Адвоката Любшина, нанятого семьей Полянцевых, самого стали запугивать и, похоже, успешно. Из дела он так и не вышел, но никаких пиар-акций в пользу своего подзащитного не предпринимал и отказывался делиться с кем бы то ни было полученной от оного информацией, ссылаясь на данную им подписку о неразглашении. Члены Московской ОНК пару раз посетили Геннадия в Лефортово, но им не позволили беседовать с ним о чем бы то ни было, кроме условий содержания.

Дело о распространении наркотиков явно казалось шитым белыми нитками, и все знакомые Полянцева были уверены, что в суде оно не устоит, но судья последовательно отвергала все ходатайства защиты и отказалась приобщать к делу результаты независимой экспертизы, доказывавшей, что Геннадий никогда к этой партии наркотиков не прикасался. Показания нескольких опустившихся и, похоже, давно сотрудничающих с полицией наркоманов для суда оказались весомее. Защита, разумеется, подала на апелляцию, и в ее ожидании Полянцев так и продолжал сидеть в одной из лефортовских камер.

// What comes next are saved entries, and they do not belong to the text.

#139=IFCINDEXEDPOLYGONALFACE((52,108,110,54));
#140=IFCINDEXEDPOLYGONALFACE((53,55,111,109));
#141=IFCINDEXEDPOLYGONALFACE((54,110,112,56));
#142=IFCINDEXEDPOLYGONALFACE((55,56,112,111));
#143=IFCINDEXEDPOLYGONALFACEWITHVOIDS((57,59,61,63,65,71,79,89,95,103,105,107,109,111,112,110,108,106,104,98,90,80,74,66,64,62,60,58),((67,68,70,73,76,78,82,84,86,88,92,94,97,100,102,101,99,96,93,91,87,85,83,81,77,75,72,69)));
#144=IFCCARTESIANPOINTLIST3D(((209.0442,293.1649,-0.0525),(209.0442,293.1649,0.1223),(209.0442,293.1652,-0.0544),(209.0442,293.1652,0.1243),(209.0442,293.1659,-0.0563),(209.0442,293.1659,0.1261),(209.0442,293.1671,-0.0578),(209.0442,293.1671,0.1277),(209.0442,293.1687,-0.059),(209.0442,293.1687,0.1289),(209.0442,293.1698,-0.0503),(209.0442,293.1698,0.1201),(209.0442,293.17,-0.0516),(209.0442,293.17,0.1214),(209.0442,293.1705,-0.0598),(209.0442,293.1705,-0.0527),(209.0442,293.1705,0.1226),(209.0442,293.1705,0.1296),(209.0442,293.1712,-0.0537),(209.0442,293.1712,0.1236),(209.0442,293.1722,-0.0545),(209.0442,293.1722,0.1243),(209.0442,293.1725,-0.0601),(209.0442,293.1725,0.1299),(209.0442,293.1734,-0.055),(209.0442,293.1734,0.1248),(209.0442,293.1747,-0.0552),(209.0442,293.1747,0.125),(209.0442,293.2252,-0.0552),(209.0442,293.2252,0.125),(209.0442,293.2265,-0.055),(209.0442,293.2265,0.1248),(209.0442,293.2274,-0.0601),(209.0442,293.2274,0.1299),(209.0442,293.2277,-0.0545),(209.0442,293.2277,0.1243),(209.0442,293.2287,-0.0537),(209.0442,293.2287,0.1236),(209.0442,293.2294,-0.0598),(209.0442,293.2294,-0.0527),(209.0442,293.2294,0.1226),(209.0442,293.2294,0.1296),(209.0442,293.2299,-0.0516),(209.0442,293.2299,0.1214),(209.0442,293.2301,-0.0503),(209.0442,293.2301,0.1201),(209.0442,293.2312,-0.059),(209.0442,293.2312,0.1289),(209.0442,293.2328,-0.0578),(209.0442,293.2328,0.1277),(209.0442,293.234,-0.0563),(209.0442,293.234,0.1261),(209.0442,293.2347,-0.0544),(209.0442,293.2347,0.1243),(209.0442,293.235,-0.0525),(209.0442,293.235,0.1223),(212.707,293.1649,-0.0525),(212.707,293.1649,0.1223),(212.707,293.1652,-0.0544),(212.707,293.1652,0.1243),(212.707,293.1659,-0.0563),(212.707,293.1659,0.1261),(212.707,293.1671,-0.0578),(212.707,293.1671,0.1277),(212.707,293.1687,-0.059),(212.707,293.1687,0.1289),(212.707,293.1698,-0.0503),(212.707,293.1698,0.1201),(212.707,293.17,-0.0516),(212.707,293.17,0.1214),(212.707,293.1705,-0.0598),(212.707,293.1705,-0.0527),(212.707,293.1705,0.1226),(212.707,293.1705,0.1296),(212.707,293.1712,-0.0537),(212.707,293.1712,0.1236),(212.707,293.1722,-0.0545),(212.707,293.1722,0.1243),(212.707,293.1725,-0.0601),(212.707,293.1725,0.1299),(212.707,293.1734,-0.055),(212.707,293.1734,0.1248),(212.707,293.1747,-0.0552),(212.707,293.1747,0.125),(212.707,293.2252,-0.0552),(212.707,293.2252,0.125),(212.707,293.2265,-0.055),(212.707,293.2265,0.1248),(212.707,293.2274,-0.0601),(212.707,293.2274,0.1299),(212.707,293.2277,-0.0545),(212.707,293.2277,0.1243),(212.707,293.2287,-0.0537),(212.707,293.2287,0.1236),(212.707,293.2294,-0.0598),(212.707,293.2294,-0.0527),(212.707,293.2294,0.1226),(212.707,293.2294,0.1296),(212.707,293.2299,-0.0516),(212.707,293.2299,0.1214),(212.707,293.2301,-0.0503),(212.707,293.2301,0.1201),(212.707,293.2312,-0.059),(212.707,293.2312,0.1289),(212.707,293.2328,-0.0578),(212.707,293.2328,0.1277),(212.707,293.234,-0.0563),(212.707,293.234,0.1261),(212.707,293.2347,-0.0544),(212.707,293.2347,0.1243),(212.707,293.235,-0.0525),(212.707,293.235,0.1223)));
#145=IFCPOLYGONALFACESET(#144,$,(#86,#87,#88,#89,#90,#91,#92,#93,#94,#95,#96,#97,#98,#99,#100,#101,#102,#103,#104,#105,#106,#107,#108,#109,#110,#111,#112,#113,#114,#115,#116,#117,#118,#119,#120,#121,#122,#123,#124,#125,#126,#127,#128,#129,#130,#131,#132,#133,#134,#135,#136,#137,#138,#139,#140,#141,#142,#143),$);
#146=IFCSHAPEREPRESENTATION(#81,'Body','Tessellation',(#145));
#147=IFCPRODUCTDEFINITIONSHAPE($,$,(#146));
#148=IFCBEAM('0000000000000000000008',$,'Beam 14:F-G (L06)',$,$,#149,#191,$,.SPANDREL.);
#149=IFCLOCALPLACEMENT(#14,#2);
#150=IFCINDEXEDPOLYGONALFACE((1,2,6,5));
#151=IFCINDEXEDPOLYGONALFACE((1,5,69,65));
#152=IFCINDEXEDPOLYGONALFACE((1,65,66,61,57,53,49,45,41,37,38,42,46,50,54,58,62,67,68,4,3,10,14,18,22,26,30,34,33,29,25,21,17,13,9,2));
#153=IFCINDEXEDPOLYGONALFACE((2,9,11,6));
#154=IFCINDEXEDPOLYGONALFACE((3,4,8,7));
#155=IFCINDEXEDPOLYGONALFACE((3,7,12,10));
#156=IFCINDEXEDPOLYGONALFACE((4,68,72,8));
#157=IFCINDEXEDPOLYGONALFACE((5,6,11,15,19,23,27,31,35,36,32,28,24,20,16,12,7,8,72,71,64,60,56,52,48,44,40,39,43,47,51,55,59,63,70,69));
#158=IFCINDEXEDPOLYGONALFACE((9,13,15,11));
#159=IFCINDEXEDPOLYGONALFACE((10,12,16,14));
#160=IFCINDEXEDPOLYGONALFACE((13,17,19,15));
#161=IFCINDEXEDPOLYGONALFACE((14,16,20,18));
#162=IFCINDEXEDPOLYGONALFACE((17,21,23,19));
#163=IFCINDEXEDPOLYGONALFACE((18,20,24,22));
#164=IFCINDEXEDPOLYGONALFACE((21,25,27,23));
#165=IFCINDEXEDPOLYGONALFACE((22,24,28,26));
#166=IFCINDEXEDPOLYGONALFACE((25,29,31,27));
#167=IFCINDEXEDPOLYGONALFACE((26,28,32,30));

Что дело тут нечисто, Арнер понял сразу, но коррумпированные ли силовики тут виной? В конце концов, в ходе борьбы спецслужб порой случалось, что и очень даже высокопоставленные чиновники садились на скамью подсудимых, причем, как правило, именно по коррупционным делам, и Арнер что-то не припоминал, чтобы кому-то из них удавалось устроить такие гонения на ключевых свидетелей. Кто-то совсем уже обнаглел? Причем настолько влиятельный, что способен заставить служить своим интересам и следствие, и прокуратуру, и суд. Вычислить этого деятеля было очень интересно, и прецесс дал согласие заняться делом осужденного уже журналиста.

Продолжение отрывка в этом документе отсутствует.